The sermons of John Osteen, who spent his formative years behind Baptist pulpits in Baytown and Houston, also impacted the younger minister — if largely as a point of departure.
Joel Osteen’s sermons reflect what he termed his natural optimism.
While his sermons seem more relaxed than those of his father, paradoxically they are more carefully planned. John Osteen was a gifted wordsmith whose prowess as an extemporary exhorter was formidable.
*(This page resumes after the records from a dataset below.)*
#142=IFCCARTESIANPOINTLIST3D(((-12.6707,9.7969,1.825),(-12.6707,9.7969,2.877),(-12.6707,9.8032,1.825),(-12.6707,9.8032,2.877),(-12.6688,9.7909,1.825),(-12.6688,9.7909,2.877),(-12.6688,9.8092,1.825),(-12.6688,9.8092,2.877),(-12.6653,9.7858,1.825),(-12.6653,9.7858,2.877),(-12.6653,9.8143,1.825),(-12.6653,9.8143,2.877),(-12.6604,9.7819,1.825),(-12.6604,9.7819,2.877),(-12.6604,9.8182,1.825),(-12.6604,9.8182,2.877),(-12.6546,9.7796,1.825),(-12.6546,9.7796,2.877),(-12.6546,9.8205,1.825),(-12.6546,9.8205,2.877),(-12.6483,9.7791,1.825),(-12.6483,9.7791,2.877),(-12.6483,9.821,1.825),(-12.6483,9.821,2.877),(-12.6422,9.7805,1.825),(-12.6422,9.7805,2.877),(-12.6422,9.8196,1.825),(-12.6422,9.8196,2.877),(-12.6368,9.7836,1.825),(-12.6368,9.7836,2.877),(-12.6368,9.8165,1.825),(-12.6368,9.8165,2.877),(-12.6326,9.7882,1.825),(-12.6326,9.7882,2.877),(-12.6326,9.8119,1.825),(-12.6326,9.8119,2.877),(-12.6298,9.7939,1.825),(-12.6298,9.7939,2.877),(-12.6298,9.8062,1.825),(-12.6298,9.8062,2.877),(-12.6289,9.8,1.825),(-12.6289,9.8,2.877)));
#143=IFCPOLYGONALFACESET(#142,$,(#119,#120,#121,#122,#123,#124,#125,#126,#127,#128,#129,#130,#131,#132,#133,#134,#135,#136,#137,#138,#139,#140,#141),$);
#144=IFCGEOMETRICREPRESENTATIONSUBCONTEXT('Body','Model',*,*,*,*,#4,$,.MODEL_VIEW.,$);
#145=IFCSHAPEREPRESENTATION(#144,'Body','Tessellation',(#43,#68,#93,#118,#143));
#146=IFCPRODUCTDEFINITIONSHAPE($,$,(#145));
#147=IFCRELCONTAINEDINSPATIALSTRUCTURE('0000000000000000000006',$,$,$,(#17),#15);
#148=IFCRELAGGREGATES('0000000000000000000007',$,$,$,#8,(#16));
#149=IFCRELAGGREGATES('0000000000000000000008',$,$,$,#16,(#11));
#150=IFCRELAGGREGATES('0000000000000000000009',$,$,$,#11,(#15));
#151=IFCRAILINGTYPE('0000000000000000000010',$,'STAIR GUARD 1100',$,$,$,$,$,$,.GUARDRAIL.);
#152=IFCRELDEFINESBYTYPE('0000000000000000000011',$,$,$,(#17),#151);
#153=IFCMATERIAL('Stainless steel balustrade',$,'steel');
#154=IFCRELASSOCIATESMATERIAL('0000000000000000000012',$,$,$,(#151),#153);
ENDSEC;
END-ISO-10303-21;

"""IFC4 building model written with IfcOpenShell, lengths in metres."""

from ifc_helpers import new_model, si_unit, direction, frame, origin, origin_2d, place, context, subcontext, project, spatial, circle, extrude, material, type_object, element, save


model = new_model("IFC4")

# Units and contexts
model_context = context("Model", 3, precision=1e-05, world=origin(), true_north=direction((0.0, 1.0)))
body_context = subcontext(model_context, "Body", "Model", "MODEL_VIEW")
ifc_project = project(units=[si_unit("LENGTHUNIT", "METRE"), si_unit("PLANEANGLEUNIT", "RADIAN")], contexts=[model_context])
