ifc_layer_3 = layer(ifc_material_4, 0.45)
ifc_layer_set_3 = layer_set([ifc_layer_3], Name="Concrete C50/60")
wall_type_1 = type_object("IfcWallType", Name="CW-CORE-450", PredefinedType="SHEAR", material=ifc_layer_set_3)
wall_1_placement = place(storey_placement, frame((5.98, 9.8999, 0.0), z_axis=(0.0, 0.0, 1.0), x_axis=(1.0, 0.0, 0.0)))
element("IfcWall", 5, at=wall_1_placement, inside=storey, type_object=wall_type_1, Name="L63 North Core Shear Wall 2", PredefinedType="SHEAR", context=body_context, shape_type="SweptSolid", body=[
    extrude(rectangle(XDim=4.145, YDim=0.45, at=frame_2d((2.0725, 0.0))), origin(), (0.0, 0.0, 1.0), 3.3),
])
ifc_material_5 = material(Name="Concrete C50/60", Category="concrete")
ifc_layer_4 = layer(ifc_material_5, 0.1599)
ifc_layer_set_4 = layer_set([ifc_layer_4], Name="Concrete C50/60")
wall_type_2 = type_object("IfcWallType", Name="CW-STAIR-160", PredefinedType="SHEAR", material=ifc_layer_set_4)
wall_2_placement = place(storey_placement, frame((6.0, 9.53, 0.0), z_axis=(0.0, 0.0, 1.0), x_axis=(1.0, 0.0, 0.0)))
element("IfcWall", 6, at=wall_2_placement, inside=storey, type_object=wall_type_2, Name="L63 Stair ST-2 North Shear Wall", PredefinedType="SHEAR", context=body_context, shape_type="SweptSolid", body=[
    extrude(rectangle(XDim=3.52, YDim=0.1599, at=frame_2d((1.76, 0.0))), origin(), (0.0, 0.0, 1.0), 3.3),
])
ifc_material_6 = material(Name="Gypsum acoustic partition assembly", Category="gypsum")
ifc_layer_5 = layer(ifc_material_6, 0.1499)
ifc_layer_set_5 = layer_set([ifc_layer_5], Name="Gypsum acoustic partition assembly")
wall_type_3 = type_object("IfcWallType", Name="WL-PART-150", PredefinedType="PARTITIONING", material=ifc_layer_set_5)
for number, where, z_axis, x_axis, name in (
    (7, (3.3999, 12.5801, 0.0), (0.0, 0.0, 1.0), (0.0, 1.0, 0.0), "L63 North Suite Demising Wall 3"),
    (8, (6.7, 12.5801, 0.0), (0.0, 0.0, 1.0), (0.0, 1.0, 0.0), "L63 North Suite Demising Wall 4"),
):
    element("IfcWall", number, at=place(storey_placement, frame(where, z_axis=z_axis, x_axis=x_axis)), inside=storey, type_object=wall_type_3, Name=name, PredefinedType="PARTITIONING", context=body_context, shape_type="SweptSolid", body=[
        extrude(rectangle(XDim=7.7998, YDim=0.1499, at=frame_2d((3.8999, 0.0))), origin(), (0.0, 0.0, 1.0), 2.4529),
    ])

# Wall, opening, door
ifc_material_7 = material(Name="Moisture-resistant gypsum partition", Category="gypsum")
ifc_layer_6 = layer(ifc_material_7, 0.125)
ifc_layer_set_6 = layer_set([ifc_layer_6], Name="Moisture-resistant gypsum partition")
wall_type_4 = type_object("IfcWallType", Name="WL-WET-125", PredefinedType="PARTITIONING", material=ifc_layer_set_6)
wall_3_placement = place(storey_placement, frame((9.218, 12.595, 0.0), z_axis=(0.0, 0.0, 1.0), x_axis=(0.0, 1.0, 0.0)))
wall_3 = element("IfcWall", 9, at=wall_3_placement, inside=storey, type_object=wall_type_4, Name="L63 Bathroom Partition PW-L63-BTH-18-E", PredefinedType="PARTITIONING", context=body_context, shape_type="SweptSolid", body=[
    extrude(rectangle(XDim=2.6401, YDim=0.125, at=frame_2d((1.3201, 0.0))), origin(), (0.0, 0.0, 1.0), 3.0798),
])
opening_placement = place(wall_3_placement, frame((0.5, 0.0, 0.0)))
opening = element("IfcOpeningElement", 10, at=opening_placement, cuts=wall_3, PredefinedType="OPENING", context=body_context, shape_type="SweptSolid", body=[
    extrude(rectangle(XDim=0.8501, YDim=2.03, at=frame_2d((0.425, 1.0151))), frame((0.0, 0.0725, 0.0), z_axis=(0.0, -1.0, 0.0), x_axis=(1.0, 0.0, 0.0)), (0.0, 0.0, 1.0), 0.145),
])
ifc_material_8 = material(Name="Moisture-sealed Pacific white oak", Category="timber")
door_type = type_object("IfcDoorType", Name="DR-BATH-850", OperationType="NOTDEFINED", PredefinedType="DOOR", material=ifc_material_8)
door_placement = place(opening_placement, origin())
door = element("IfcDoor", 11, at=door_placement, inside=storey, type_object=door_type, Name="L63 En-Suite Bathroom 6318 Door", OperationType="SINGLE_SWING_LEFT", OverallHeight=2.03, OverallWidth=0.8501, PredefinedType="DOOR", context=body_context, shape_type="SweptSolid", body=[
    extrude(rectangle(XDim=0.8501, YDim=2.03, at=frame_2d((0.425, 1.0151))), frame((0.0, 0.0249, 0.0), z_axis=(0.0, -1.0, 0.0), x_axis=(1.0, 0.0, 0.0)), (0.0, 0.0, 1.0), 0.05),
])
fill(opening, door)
Joel Osteen, by contrast, devotes days to crafting a message that seems spontaneous.
Beyond his 30-minute Sunday sermons, which remain “key to what I do,” the pulpit presence of Osteen and his wife have filled stadiums from New York to California.
Over 10 years, more than 2 million people have paid to attend the husband-wife preaching team’s “Night of Hope” events.
In terms of the Lakewood ministry’s continued growth, Osteen opined, “It happens so fast, we almost have to just take it one day at a time.
“We want to be open to growth, consistent and faithful. We want to be open to touching more people.”